八戒在旁边挠着耳朵,听到这里也难得正经了几分,感慨道杨戬当年劈桃山救母时大家都以为天条被他劈开了一道口子,没想到他后来亲手把这道口子又堵上了。他用劈开桃山的勇气换来了神位,又用神位保住了妹妹的命。这份账,三界欠他一个公道。三圣母抬起头看着八戒那张因感慨而皱成一团的猪脸,忽然笑了一下,说多谢猪长老替我哥哥说话。他在天庭当了一辈子冷面判官,从来没人替他说过一句公道话。你是第一个。唐格点了点头,将杨戬的困境在心中翻来覆去地掂量了几遍。杨戬是天庭规则下的困兽,劈开桃山时他以为天条是可以被打碎的,后来他发现打碎一面还有第二面,打碎第二面还有第三面。他用尽全力只劈开了一面,剩下的只能用自己去填。他将九环锡杖轻轻一顿,对三圣母合十一礼,语气中的郑重与温和让三圣母眼眶中那滴始终不肯落下的泪终于滑过苍白的面颊,落在供台上那只粗陶碗中,与华山泉水融在一起,再也分不清哪是泪哪是水。

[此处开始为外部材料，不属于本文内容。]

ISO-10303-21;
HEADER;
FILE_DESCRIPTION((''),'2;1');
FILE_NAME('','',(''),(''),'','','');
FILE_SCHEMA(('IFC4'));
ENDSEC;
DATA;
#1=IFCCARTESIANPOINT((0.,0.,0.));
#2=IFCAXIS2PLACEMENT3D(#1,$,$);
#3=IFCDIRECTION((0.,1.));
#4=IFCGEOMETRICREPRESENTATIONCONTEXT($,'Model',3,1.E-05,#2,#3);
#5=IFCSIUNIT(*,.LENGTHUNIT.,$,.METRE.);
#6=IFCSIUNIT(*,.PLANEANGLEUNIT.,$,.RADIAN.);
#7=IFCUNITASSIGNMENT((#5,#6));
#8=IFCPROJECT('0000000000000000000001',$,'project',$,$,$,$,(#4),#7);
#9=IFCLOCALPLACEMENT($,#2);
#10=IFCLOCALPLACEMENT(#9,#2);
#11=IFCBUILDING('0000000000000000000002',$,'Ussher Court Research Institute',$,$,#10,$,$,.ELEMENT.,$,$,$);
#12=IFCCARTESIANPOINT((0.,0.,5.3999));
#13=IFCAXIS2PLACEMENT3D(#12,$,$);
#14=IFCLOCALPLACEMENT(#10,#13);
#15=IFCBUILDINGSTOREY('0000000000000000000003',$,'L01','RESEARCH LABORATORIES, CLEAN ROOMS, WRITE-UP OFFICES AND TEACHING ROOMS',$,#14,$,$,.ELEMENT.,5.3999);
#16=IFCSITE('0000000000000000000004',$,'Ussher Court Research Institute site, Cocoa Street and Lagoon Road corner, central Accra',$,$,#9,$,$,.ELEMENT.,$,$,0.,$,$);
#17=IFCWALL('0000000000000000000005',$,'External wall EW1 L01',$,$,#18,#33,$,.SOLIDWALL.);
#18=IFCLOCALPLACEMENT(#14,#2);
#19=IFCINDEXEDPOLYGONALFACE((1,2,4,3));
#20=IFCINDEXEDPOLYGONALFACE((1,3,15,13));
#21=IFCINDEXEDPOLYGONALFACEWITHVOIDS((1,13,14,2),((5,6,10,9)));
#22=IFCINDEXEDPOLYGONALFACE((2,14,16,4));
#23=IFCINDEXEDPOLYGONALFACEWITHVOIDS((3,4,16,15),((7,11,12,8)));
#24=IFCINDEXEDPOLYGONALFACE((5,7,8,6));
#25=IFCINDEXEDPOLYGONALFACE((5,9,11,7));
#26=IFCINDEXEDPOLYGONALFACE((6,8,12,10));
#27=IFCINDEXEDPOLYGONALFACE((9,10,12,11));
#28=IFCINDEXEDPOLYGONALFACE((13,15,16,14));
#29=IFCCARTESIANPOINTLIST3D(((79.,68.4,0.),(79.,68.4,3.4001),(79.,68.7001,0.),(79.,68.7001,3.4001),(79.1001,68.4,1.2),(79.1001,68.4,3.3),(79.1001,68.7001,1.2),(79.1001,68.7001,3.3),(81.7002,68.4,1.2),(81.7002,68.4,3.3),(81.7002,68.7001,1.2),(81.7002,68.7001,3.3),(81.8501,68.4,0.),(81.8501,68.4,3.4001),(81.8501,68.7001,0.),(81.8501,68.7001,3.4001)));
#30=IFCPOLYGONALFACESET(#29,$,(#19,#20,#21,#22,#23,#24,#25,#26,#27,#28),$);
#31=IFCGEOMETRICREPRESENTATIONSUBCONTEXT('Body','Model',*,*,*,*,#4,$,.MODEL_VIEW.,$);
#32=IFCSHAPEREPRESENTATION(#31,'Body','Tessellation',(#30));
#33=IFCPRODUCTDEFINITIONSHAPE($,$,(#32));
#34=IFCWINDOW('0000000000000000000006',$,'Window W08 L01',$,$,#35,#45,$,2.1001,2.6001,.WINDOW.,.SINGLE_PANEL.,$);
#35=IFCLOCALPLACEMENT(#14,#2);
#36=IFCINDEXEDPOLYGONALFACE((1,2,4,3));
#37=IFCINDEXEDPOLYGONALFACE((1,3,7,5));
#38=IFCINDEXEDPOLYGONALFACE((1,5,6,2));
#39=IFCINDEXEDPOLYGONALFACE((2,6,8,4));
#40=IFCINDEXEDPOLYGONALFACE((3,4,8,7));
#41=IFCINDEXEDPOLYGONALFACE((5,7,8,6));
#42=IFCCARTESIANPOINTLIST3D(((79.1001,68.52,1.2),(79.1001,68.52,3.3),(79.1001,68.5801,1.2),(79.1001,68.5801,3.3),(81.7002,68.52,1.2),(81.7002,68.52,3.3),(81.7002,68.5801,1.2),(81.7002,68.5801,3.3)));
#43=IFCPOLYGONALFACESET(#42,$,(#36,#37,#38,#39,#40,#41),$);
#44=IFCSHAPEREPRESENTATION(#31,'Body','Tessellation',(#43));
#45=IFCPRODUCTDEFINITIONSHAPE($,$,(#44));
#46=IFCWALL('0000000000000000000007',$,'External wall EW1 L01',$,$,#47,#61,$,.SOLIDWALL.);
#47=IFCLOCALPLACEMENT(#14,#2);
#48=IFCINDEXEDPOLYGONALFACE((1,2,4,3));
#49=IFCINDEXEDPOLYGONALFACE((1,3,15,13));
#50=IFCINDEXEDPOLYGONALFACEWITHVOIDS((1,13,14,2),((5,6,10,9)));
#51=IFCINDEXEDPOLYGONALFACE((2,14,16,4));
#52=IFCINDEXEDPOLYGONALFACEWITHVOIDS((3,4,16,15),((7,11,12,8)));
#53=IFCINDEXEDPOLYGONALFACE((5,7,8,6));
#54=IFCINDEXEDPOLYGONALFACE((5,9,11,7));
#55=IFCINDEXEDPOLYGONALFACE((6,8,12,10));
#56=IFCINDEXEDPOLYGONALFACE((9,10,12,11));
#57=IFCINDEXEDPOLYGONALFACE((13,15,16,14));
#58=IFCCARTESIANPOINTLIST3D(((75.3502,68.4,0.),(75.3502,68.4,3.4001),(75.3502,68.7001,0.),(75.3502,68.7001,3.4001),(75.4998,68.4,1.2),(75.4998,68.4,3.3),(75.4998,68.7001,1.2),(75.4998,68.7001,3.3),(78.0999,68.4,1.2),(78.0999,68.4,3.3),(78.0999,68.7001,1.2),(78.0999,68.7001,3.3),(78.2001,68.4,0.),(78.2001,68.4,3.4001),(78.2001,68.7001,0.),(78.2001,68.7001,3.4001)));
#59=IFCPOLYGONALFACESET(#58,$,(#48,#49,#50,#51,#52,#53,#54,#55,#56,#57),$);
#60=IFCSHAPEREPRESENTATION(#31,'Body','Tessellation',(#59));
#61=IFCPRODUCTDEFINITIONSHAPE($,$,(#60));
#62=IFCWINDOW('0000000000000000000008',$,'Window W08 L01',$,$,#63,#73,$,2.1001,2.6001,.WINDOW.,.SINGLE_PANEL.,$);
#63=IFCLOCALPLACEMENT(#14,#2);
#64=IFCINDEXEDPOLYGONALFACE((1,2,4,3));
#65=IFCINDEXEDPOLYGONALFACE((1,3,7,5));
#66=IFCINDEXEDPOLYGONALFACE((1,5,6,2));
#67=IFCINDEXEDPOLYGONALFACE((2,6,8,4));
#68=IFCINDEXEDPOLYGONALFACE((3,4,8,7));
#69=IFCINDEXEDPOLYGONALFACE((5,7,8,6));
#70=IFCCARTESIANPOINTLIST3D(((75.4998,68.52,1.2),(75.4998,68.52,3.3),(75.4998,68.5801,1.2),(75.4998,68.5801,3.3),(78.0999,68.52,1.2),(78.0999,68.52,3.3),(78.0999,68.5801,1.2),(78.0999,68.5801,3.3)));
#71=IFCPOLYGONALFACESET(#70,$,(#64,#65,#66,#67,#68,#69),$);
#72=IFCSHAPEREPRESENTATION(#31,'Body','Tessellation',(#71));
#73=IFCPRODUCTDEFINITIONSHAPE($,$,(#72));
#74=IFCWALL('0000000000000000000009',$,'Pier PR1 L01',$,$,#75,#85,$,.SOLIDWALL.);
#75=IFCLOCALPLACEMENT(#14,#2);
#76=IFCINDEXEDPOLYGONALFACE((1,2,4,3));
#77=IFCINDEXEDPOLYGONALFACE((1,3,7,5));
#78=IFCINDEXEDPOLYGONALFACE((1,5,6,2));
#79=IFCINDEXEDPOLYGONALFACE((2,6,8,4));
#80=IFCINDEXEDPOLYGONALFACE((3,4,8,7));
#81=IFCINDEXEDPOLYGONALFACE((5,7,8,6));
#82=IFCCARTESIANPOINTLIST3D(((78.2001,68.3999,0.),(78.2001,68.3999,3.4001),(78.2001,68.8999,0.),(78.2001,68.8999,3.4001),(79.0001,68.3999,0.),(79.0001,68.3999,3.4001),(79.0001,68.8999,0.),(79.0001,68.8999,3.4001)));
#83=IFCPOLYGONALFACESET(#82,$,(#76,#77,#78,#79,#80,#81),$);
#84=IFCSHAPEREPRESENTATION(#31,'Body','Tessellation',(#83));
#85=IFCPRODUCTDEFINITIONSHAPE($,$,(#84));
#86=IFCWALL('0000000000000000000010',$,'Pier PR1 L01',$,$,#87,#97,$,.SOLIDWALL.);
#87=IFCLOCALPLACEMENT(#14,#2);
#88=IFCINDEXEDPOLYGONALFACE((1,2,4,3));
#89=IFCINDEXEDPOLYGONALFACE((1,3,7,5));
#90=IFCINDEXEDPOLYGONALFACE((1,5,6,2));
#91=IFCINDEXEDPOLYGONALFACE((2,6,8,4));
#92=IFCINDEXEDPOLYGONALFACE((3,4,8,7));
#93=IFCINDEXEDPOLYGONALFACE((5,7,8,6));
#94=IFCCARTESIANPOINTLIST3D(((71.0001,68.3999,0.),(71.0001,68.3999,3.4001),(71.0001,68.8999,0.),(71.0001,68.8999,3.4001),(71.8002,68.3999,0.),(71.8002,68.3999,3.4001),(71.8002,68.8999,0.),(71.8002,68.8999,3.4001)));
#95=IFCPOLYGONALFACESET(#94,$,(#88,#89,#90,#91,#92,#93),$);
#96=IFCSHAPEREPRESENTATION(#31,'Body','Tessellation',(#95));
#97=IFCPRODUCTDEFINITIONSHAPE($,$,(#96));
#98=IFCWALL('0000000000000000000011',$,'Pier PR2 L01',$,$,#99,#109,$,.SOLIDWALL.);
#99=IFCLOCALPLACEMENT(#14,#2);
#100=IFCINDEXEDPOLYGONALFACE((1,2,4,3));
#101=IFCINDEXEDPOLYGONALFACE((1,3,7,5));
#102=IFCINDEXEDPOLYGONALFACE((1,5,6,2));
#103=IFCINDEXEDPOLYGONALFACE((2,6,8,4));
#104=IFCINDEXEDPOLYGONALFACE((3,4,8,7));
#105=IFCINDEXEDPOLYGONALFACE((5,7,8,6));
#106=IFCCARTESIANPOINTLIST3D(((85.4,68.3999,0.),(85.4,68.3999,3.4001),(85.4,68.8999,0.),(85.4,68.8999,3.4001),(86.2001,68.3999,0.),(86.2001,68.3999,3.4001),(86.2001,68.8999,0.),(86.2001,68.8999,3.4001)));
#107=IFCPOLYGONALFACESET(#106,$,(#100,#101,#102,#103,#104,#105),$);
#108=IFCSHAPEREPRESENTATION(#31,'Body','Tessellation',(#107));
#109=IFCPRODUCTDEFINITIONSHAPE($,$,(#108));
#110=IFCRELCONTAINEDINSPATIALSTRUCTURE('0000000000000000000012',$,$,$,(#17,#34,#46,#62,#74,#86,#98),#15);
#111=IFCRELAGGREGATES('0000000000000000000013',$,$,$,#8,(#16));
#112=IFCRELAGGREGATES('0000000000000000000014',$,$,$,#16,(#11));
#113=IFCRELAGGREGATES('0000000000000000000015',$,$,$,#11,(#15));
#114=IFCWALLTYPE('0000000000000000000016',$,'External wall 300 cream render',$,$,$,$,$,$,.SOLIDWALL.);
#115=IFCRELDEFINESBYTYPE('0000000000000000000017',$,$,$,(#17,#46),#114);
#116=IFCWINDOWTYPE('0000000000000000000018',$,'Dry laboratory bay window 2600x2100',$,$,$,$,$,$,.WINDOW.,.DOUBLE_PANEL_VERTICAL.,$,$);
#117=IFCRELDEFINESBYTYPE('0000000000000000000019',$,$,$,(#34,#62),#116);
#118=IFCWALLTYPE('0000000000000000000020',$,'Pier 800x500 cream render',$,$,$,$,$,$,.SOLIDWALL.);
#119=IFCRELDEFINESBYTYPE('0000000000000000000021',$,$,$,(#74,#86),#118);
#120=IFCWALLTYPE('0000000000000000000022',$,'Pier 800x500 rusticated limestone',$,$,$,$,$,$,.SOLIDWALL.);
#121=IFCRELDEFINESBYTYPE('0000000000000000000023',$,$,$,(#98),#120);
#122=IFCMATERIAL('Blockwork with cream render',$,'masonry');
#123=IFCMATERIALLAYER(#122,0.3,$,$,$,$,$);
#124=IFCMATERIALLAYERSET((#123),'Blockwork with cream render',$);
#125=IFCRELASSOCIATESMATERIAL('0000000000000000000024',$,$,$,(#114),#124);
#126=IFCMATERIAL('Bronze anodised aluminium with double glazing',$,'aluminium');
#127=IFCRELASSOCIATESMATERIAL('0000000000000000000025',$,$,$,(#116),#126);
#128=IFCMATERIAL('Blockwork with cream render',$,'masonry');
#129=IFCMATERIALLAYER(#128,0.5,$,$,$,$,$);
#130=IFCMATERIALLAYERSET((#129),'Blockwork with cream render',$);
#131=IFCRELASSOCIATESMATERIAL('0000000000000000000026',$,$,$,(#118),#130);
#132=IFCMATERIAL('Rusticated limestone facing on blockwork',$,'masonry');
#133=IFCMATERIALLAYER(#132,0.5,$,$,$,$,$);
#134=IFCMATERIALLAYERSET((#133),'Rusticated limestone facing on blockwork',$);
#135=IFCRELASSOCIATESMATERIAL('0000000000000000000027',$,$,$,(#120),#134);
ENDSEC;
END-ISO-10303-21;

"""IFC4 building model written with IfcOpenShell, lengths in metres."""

from ifc_helpers import new_model, si_unit, direction, frame, frame_2d, origin, place, context, subcontext, project, spatial, rectangle, extrude, material, layer, layer_set, type_object, element, fill, save


model = new_model("IFC4")

# Units and contexts
model_context = context("Model", 3, precision=1e-05, world=origin(), true_north=direction((0.0, 1.0)))
body_context = subcontext(model_context, "Body", "Model", "MODEL_VIEW")
ifc_project = project(units=[si_unit("LENGTHUNIT", "METRE"), si_unit("PLANEANGLEUNIT", "RADIAN")], contexts=[model_context])

# Site, building, storey
site_placement = place(None, origin())
site = spatial("IfcSite", under=ifc_project, at=site_placement, Name="Ussher Court Research Institute site, Cocoa Street and Lagoon Road corner, central Accra", CompositionType="ELEMENT", RefElevation=0.0)
building_placement = place(site_placement, origin())
building = spatial("IfcBuilding", under=site, at=building_placement, Name="Ussher Court Research Institute", CompositionType="ELEMENT")
storey_placement = place(building_placement, frame((0.0, 0.0, 5.3999)))
storey = spatial("IfcBuildingStorey", under=building, at=storey_placement, Name="L01", Description="RESEARCH LABORATORIES, CLEAN ROOMS, WRITE-UP OFFICES AND TEACHING ROOMS", CompositionType="ELEMENT", Elevation=5.3999)

# Walls, openings, windows
ifc_material_1 = material(Name="Blockwork with cream render", Category="masonry")
ifc_layer_1 = layer(ifc_material_1, 0.3)
ifc_layer_set_1 = layer_set([ifc_layer_1], Name="Blockwork with cream render")
wall_type_1 = type_object("IfcWallType", Name="External wall 300 cream render", PredefinedType="SOLIDWALL", material=ifc_layer_set_1)
wall_1_placement = place(storey_placement, frame((81.8501, 68.55, 0.0), z_axis=(0.0, 0.0, 1.0), x_axis=(-1.0, 0.0, 0.0)))
wall_1 = element("IfcWall", 1, at=wall_1_placement, inside=storey, type_object=wall_type_1, Name="External wall EW1 L01", PredefinedType="SOLIDWALL", context=body_context, shape_type="SweptSolid", body=[
    extrude(rectangle(XDim=2.8501, YDim=0.3, at=frame_2d((1.425, 0.0))), origin(), (0.0, 0.0, 1.0), 3.4001),
])
opening_1_placement = place(wall_1_placement, frame((0.1499, 0.0, 1.2)))
opening_1 = element("IfcOpeningElement", 2, at=opening_1_placement, cuts=wall_1, PredefinedType="OPENING", context=body_context, shape_type="SweptSolid", body=[
    extrude(rectangle(XDim=2.6001, YDim=2.1001, at=frame_2d((1.3, 1.05))), frame((0.0, 0.1602, 0.0), z_axis=(0.0, -1.0, 0.0), x_axis=(1.0, 0.0, 0.0)), (0.0, 0.0, 1.0), 0.3201),
])
ifc_material_2 = material(Name="Bronze anodised aluminium with double glazing", Category="aluminium")
window_type_1 = type_object("IfcWindowType", Name="Dry laboratory bay window 2600x2100", PartitioningType="DOUBLE_PANEL_VERTICAL", PredefinedType="WINDOW", material=ifc_material_2)
window_1_placement = place(opening_1_placement, origin())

“三圣母,你哥哥的事贫僧记住了。他不是敌人,是另一个被天庭规则困住的囚徒。他所压的不只是你——还有他自己。等盂兰盆会的事了了,贫僧会去灌江口走一趟,看看那把开山斧,也问问杨戬——当年劈山的那股子勇气,还在不在。另外,你方才说百年之期将近,贫僧在蟠桃会上已与玉帝达成协议——盂兰盆会上,所有涉及仙凡通婚的旧案将一并重审。届时你哥哥不必再替你挡刀,你也不必再被他压着。你们兄妹之间的这笔账,是该坐下来好好算算了——不是算谁欠谁,是算天条欠你们杨家多少条命。”